This December, when I string my lights and trim my tree and light my menorah, I have four new friends to help me ring in the holiday cheer. Four miniature ceramic figurines, to be exact. Dressed in wintry clothes and perched on patches of white faux snow, my people are all busily headed somewhere. One lady, clutching a bag of wrapped gifts with another under her arm, is “walking” so swiftly her scarf flies behind her.

The expansive quirkiness is so endearing that at first you may not realize how carefully curated the store is.

One of my men is pulled along by his dog, which wears a red flannel sweater to match his master’s. I impulsively purchased my figurines, which are meant to be part of a sprawling Christmas-village display, last spring at Fredericksburg’s Christmas Store. And now I’m responsible for staging them a home for the holidays.

Nestled between antiques stores and beer gardens on Fredericksburg’s bustling Main Street, the Christmas Store jingles—and jangles—year round. Amid mounds of shimmery snow-dust and greenery, ceramic Santas reign like kings from windowsills, grinning jollily from their twinkling thrones. Inside, psychedelic mushroom ornaments hang from the branches of plastic, neon trees, their eye-catching glow straddling that amorphous line between funky-cool and kitschy. It’s a subjective line—overdone versus classic, gaudy versus hip, sentimental versus cheesy—that the Christmas Store deftly walks throughout its 10,000 square feet of cheer. Costume jewelry festoons stuffed reindeer, and artificial trees of many colors and sizes sparkle and heave under the weight of eclectic ornaments. There’s a lot of cat stuff. An entire alcove is dedicated to funny wine sayings and martini-glass charms, as if to say, we get it: There’s a reason why we drink around the holidays.

The expansive quirkiness is so endearing that at first you may not realize how carefully curated the store is. Twin brothers John and Don Mooring and their cousin Beth Watson, the store’s energetic owners, know what they’re doing. Before John and Don became partners, they worked as interior designers in Los Angeles and came to Fredericksburg every so often to help Beth “make the shop pretty.” About a decade ago, the brothers ditched West Hollywood for the Hill Country, where they now live with their four cats and their blue beach bikes, which are equipped with cup holders (for wine!) and bells for greeting folks about town. The three partners aren’t just local businessmen—they’re engaged citizens and advocates. When you visit, don’t leave without picking up their list of favorite local shops and restaurants.

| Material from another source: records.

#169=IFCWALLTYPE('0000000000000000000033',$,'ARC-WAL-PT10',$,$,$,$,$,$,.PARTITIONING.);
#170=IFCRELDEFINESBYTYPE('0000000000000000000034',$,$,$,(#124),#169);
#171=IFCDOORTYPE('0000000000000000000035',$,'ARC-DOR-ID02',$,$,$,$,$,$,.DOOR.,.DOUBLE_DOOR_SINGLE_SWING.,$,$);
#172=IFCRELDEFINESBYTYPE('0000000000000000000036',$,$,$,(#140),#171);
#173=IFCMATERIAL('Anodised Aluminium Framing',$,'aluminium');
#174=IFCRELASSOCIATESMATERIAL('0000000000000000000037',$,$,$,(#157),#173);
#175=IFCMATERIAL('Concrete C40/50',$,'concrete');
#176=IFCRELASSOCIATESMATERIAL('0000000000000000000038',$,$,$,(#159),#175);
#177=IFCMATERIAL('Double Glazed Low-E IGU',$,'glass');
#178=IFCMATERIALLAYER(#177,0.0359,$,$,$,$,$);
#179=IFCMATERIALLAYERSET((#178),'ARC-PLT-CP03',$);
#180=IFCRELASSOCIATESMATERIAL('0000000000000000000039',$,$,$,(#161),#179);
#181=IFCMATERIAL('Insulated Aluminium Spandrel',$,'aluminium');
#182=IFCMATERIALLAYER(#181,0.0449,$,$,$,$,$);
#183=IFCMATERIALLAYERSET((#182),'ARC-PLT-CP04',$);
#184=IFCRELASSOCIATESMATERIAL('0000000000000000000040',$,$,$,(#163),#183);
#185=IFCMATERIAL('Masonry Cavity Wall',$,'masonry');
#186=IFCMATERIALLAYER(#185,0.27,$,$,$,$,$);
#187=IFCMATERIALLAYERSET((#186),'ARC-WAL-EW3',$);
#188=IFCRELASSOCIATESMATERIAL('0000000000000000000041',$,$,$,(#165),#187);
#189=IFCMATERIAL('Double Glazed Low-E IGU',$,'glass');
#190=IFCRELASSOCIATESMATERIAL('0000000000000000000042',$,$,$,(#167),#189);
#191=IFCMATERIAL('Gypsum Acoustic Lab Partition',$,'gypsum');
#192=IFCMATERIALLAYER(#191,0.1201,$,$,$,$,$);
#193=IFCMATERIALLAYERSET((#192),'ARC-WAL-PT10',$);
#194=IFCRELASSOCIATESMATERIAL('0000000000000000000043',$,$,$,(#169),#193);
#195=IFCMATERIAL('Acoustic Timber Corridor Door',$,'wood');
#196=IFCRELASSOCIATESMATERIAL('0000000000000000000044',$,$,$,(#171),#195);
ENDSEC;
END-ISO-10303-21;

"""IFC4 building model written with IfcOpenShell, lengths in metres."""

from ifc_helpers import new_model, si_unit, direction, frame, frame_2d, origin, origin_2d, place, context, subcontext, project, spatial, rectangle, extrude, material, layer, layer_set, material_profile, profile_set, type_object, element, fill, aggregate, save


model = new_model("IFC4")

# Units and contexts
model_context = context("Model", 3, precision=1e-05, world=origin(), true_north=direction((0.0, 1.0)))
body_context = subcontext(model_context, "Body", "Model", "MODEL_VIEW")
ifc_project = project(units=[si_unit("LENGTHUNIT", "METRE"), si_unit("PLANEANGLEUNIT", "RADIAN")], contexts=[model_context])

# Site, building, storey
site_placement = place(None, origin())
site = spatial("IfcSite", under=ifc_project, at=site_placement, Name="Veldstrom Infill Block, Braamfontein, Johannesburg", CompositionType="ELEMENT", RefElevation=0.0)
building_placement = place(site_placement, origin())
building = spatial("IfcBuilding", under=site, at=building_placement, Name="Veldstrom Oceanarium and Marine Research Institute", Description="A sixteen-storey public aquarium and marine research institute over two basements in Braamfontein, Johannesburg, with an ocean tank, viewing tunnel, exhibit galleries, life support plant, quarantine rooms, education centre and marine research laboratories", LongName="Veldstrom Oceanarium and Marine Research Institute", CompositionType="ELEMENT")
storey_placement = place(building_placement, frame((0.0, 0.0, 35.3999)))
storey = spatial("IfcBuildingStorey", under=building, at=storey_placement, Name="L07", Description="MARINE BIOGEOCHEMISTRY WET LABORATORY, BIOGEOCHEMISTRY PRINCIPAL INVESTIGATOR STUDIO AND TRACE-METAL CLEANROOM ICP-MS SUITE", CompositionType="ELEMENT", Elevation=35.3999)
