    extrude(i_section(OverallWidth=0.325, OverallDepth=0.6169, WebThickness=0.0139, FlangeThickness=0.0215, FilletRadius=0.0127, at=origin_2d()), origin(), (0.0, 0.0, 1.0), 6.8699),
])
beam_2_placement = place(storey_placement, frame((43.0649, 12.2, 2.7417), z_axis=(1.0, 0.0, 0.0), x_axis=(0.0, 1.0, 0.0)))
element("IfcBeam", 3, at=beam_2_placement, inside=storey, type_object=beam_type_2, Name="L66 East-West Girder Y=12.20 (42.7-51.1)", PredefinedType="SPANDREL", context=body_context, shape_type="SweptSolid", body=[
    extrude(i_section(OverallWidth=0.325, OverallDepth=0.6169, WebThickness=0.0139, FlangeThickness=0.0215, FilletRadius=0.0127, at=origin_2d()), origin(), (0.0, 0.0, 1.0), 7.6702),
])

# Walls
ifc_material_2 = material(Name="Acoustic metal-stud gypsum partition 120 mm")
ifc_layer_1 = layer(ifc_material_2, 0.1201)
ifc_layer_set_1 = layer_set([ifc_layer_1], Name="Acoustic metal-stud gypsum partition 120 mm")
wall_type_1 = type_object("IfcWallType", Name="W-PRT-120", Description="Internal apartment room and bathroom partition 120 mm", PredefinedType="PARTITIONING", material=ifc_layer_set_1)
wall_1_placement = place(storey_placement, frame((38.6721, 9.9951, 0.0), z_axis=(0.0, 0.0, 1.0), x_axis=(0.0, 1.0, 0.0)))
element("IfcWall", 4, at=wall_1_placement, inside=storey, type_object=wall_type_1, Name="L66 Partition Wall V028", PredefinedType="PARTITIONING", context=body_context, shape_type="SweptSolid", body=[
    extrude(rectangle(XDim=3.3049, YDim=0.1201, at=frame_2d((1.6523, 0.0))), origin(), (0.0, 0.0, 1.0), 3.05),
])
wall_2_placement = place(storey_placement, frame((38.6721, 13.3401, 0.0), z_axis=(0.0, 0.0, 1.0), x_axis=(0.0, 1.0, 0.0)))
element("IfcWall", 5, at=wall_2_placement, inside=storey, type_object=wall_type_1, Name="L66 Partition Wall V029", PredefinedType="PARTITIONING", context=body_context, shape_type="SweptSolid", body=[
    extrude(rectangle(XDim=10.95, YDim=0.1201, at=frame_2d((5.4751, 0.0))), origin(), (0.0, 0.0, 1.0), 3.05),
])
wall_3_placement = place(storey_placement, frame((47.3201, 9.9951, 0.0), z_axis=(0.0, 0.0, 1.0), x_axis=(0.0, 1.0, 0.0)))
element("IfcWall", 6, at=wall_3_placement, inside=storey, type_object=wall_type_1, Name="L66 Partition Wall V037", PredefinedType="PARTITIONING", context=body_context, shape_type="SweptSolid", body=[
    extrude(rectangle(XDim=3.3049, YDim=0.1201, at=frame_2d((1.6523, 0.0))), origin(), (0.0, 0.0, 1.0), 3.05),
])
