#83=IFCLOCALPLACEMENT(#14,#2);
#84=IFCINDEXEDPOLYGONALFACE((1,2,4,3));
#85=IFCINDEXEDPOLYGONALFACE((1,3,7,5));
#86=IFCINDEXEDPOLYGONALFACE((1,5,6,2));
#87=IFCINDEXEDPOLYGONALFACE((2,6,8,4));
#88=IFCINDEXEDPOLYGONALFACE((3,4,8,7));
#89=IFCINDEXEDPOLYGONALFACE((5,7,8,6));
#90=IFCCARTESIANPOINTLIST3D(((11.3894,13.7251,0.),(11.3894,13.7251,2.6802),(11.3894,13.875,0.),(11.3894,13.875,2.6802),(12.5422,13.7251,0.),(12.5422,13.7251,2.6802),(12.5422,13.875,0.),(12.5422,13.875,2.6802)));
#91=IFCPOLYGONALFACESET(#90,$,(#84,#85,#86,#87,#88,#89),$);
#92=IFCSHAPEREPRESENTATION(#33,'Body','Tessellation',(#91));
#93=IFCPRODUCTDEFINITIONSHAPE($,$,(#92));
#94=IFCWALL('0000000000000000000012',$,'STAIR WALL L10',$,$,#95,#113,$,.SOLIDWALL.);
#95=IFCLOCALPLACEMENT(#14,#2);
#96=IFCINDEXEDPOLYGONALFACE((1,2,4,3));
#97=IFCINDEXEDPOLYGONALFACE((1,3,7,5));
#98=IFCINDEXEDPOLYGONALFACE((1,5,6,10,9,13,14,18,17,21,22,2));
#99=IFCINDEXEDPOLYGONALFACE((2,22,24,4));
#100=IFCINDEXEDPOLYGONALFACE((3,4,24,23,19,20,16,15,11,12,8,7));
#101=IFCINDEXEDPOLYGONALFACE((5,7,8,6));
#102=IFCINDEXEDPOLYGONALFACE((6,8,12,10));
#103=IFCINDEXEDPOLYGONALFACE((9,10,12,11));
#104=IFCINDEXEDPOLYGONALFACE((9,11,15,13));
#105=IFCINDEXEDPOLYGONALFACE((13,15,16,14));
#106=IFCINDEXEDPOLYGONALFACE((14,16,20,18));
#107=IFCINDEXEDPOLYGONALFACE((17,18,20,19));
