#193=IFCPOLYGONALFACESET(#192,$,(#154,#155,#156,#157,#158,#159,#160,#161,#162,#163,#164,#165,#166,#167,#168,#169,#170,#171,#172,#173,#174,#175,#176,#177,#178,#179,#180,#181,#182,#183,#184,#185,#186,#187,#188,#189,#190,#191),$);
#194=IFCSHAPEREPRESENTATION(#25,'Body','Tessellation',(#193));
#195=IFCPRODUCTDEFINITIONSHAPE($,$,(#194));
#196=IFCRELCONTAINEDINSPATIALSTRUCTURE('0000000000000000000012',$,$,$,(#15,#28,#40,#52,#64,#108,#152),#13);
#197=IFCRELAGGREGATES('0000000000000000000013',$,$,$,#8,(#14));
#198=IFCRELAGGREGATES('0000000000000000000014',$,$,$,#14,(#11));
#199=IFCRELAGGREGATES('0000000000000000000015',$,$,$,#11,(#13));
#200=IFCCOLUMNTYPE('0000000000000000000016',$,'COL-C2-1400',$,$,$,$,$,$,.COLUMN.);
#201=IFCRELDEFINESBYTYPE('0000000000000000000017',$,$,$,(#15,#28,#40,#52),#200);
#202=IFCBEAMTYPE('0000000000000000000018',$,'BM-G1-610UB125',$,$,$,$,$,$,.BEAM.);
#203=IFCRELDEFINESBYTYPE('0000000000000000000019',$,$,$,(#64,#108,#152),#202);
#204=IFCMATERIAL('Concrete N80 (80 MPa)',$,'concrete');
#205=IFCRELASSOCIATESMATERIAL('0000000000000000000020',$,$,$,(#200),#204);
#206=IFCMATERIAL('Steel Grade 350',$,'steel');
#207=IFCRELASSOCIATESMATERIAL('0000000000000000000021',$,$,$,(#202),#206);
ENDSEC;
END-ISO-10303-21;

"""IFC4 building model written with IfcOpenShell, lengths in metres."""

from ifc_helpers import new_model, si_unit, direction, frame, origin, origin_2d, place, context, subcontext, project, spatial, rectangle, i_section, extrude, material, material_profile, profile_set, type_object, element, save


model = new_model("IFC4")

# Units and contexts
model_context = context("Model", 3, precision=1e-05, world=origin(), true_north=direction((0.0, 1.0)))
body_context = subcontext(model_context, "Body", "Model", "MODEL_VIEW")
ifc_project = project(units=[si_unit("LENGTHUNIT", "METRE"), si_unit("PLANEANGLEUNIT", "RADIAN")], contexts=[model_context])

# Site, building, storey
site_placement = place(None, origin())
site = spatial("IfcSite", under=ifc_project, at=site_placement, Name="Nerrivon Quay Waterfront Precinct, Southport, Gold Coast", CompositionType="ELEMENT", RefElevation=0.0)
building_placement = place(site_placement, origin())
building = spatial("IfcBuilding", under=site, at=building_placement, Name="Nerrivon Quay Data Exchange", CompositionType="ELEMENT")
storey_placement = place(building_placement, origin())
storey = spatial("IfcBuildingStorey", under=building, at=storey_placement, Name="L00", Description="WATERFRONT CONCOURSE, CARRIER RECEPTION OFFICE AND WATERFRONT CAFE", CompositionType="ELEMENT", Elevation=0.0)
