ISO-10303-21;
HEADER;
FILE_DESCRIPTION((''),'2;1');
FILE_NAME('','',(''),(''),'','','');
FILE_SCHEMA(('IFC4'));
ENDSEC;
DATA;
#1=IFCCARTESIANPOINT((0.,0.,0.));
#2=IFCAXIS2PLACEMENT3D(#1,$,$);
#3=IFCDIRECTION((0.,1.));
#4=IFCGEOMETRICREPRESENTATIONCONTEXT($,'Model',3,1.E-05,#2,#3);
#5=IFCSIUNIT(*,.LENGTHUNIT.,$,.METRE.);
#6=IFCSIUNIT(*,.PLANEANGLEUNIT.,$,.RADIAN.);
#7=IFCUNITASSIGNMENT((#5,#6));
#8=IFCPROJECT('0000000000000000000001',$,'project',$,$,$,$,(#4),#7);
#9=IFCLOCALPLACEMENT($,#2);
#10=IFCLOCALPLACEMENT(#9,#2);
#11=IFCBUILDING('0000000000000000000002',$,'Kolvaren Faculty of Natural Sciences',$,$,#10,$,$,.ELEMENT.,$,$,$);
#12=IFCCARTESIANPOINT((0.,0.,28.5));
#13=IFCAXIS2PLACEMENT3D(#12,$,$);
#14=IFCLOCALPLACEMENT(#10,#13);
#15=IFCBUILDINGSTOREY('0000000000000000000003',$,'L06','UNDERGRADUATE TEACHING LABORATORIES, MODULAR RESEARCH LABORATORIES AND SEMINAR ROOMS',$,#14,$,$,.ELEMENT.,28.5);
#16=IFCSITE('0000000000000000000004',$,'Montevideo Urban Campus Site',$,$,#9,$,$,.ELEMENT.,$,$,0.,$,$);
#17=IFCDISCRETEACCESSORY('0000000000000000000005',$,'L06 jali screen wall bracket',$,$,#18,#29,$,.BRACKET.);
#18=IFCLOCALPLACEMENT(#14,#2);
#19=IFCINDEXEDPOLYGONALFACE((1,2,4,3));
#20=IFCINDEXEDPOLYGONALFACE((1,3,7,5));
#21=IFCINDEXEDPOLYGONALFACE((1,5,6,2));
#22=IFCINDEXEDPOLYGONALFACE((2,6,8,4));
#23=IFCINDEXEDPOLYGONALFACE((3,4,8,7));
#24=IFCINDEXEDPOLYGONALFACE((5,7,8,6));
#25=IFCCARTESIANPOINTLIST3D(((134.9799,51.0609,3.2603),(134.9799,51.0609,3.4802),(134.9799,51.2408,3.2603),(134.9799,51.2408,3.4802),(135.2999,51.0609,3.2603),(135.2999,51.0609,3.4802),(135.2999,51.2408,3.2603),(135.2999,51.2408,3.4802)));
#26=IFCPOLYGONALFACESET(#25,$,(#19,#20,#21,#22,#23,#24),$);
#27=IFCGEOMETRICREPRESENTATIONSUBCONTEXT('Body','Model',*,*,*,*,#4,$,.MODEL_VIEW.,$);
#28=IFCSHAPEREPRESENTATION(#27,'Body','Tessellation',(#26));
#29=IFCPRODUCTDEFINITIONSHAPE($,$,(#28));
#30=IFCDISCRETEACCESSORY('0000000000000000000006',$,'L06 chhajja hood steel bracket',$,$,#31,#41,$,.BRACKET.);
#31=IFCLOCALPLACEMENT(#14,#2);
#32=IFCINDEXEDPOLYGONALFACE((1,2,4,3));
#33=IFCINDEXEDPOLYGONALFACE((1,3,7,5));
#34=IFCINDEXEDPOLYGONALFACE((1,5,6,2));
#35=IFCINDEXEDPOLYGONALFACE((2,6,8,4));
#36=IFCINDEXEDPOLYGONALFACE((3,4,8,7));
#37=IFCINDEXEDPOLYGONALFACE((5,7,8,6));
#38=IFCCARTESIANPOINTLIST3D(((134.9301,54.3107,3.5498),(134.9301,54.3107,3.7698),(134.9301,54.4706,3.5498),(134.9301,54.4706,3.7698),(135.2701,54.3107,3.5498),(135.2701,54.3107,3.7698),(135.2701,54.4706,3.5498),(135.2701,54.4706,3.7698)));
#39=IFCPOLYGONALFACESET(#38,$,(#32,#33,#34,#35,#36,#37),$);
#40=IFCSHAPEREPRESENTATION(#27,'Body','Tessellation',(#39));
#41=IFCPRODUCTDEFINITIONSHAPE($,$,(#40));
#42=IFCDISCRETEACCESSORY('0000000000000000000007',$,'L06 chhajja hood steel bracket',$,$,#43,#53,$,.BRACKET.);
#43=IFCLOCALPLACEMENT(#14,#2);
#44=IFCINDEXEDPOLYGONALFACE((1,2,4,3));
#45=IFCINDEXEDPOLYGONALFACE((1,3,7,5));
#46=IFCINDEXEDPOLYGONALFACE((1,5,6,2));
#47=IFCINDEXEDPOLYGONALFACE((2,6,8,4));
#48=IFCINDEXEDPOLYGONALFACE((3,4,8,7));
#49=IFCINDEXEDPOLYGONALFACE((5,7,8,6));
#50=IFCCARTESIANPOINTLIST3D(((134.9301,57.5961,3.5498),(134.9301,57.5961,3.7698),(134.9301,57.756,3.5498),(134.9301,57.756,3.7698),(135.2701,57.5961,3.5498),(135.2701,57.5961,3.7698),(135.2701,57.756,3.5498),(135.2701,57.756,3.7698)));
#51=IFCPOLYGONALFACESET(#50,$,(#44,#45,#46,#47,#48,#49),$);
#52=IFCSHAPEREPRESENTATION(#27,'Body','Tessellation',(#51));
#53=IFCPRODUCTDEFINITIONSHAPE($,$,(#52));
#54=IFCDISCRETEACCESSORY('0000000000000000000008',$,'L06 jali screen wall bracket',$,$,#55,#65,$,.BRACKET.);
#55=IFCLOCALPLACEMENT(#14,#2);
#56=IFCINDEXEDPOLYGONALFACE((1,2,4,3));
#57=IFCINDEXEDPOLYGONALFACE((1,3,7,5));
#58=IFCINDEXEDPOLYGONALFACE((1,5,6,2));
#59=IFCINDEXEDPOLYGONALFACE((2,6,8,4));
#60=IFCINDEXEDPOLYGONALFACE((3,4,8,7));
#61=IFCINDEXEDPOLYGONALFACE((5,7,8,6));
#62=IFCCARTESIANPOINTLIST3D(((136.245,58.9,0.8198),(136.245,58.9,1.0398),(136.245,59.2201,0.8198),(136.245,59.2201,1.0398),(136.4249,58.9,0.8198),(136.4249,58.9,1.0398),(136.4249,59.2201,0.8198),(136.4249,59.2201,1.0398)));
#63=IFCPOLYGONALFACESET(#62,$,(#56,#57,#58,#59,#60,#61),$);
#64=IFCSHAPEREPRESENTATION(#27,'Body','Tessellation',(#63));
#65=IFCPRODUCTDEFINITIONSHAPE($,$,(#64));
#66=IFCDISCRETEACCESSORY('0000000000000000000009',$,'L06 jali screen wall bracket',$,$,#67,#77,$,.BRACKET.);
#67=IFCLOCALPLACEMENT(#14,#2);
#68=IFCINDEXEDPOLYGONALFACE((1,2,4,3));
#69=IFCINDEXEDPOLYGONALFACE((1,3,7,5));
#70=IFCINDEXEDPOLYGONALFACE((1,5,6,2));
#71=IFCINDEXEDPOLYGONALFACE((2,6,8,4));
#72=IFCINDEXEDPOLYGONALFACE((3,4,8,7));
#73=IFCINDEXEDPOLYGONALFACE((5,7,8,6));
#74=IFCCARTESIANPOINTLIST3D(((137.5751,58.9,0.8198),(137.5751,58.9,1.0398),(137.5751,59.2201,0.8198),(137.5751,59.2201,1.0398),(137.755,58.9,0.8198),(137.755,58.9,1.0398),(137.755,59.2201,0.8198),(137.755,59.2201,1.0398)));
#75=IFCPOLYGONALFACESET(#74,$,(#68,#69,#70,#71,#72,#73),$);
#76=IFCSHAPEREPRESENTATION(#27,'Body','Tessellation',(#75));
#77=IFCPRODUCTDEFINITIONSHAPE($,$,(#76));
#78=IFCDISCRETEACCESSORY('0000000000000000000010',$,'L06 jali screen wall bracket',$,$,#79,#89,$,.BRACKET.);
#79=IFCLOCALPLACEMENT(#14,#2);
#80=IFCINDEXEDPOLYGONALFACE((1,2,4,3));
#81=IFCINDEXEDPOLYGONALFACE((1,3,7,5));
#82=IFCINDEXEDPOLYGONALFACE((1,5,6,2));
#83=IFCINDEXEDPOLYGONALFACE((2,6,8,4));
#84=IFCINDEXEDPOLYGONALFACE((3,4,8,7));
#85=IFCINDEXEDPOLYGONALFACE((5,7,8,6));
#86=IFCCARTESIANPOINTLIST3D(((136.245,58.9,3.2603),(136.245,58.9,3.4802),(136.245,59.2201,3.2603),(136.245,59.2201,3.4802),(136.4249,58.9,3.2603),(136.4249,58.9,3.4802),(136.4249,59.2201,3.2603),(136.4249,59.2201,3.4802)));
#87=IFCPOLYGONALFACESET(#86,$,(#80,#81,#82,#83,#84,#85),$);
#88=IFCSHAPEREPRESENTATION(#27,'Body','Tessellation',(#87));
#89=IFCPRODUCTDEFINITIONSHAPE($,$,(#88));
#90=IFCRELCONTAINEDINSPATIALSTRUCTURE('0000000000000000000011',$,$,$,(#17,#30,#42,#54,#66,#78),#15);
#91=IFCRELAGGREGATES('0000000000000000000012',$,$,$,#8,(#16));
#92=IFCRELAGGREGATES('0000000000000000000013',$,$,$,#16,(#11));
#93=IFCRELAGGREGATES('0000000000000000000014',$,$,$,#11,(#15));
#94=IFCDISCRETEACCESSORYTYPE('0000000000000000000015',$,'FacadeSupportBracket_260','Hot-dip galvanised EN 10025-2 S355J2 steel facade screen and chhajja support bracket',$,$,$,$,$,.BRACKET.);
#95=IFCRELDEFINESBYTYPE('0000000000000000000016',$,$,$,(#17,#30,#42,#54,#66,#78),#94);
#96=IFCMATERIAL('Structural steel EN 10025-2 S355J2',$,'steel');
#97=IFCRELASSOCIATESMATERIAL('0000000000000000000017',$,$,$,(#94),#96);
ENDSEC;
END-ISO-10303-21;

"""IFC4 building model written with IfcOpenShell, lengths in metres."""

from ifc_helpers import new_model, si_unit, direction, frame, origin, origin_2d, place, context, subcontext, project, spatial, rectangle, extrude, material, type_object, element, save


model = new_model("IFC4")

# Units and contexts
model_context = context("Model", 3, precision=1e-05, world=origin(), true_north=direction((0.0, 1.0)))
body_context = subcontext(model_context, "Body", "Model", "MODEL_VIEW")
ifc_project = project(units=[si_unit("LENGTHUNIT", "METRE"), si_unit("PLANEANGLEUNIT", "RADIAN")], contexts=[model_context])

# Site, building, storey
site_placement = place(None, origin())
site = spatial("IfcSite", under=ifc_project, at=site_placement, Name="Montevideo Urban Campus Site", CompositionType="ELEMENT", RefElevation=0.0)
building_placement = place(site_placement, origin())
building = spatial("IfcBuilding", under=site, at=building_placement, Name="Kolvaren Faculty of Natural Sciences", CompositionType="ELEMENT")
storey_placement = place(building_placement, frame((0.0, 0.0, 28.5)))
storey = spatial("IfcBuildingStorey", under=building, at=storey_placement, Name="L06", Description="UNDERGRADUATE TEACHING LABORATORIES, MODULAR RESEARCH LABORATORIES AND SEMINAR ROOMS", CompositionType="ELEMENT", Elevation=28.5)

# Discrete accessories
ifc_material_1 = material(Name="Structural steel EN 10025-2 S355J2", Category="steel")
discrete_accessory_type = type_object("IfcDiscreteAccessoryType", Name="FacadeSupportBracket_260", Description="Hot-dip galvanised EN 10025-2 S355J2 steel facade screen and chhajja support bracket", PredefinedType="BRACKET", material=ifc_material_1)
for number, where, z_axis, x_axis, name in (
    (1, (135.1399, 51.1509, 3.2603), (0.0, 0.0, 1.0), (0.0, 1.0, 0.0), "L06 jali screen wall bracket"),
):
    element("IfcDiscreteAccessory", number, at=place(storey_placement, frame(where, z_axis=z_axis, x_axis=x_axis)), inside=storey, type_object=discrete_accessory_type, Name=name, PredefinedType="BRACKET", context=body_context, shape_type="SweptSolid", body=[
        extrude(rectangle(XDim=0.1799, YDim=0.3201, at=origin_2d()), origin(), (0.0, 0.0, 1.0), 0.22),
    ])
for number, where, z_axis, x_axis, name in (
    (2, (135.1001, 54.3906, 3.5498), (0.0, 0.0, 1.0), (0.0, 1.0, 0.0), "L06 chhajja hood steel bracket"),
    (3, (135.1001, 57.676, 3.5498), (0.0, 0.0, 1.0), (0.0, 1.0, 0.0), "L06 chhajja hood steel bracket"),
):
    element("IfcDiscreteAccessory", number, at=place(storey_placement, frame(where, z_axis=z_axis, x_axis=x_axis)), inside=storey, type_object=discrete_accessory_type, Name=name, PredefinedType="BRACKET", context=body_context, shape_type="SweptSolid", body=[
        extrude(rectangle(XDim=0.1599, YDim=0.3401, at=origin_2d()), origin(), (0.0, 0.0, 1.0), 0.22),
    ])
for number, where, z_axis, x_axis, name in (
    (4, (136.335, 59.0601, 0.8198), (0.0, 0.0, 1.0), (1.0, 0.0, 0.0), "L06 jali screen wall bracket"),
    (5, (137.665, 59.0601, 0.8198), (0.0, 0.0, 1.0), (1.0, 0.0, 0.0), "L06 jali screen wall bracket"),
    (6, (136.335, 59.0601, 3.2603), (0.0, 0.0, 1.0), (1.0, 0.0, 0.0), "L06 jali screen wall bracket"),
):
    element("IfcDiscreteAccessory", number, at=place(storey_placement, frame(where, z_axis=z_axis, x_axis=x_axis)), inside=storey, type_object=discrete_accessory_type, Name=name, PredefinedType="BRACKET", context=body_context, shape_type="SweptSolid", body=[
        extrude(rectangle(XDim=0.1799, YDim=0.3201, at=origin_2d()), origin(), (0.0, 0.0, 1.0), 0.22),
    ])

save(model, "model.ifc")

In a room devoted to ornaments made by the popular Christopher Radko company, extraordinary and intricate glass-blown ornaments line the shelves. Stacked on the floor, red-and-green cardboard boxes hold assortments of the company’s “Shiny-Brite” ornaments, which harken back to classic glass ornaments of the ’40s and ’50s. But all the Radko ornaments here aren’t traditional: There are also sparkling candy skulls, green pickles, and blonde mermaids to hang from your tree. Some ornaments look like characters from a Tim Burton movie—these are made in Italy, John explains, and they’re blown without a mold. This year’s pièce de résistance, though, is “The Prince of the Hill Country,” featuring a slender Santa Claus figure sporting an intricately painted yellow-and-black cape and a fluffy white beard. Each year, John designs a special-edition ornament to be made by the Christopher Radko artisans in Poland; they are sold exclusively at the Christmas Store.

All told, there are eight rooms filled with ornaments, trinkets, and holiday ephemera, presented with such charm and enthusiasm that even Scrooge might muster a smile. It’s in the last room—known casually as “the Christmas village room”—where I find my people, creations of the Department 56 company out of Minneapolis. The Christmas Store in Fredericksburg is the country’s largest dealer of Department 56 collectibles. This makes the back room at the Christmas Store—a sprawling universe of tiny houses and ice-skating rinks and snowy train tracks, all carefully arranged and designed by Don—a mecca for serious fans. As someone who had never heard of Department 56 before my visit to the store, I have no idea what inspired me to buy my first village piece; I guess the bundled-up figures somehow spoke to me. I also have no idea what I’m planning to do with my miniature holiday people, which are part of the “Christmas in the City” series, without a starlit Chrysler building or snowy brownstone to place them under. We’ll see once I take them out of their box, but I have a feeling I may need to take another trip to see Don and John.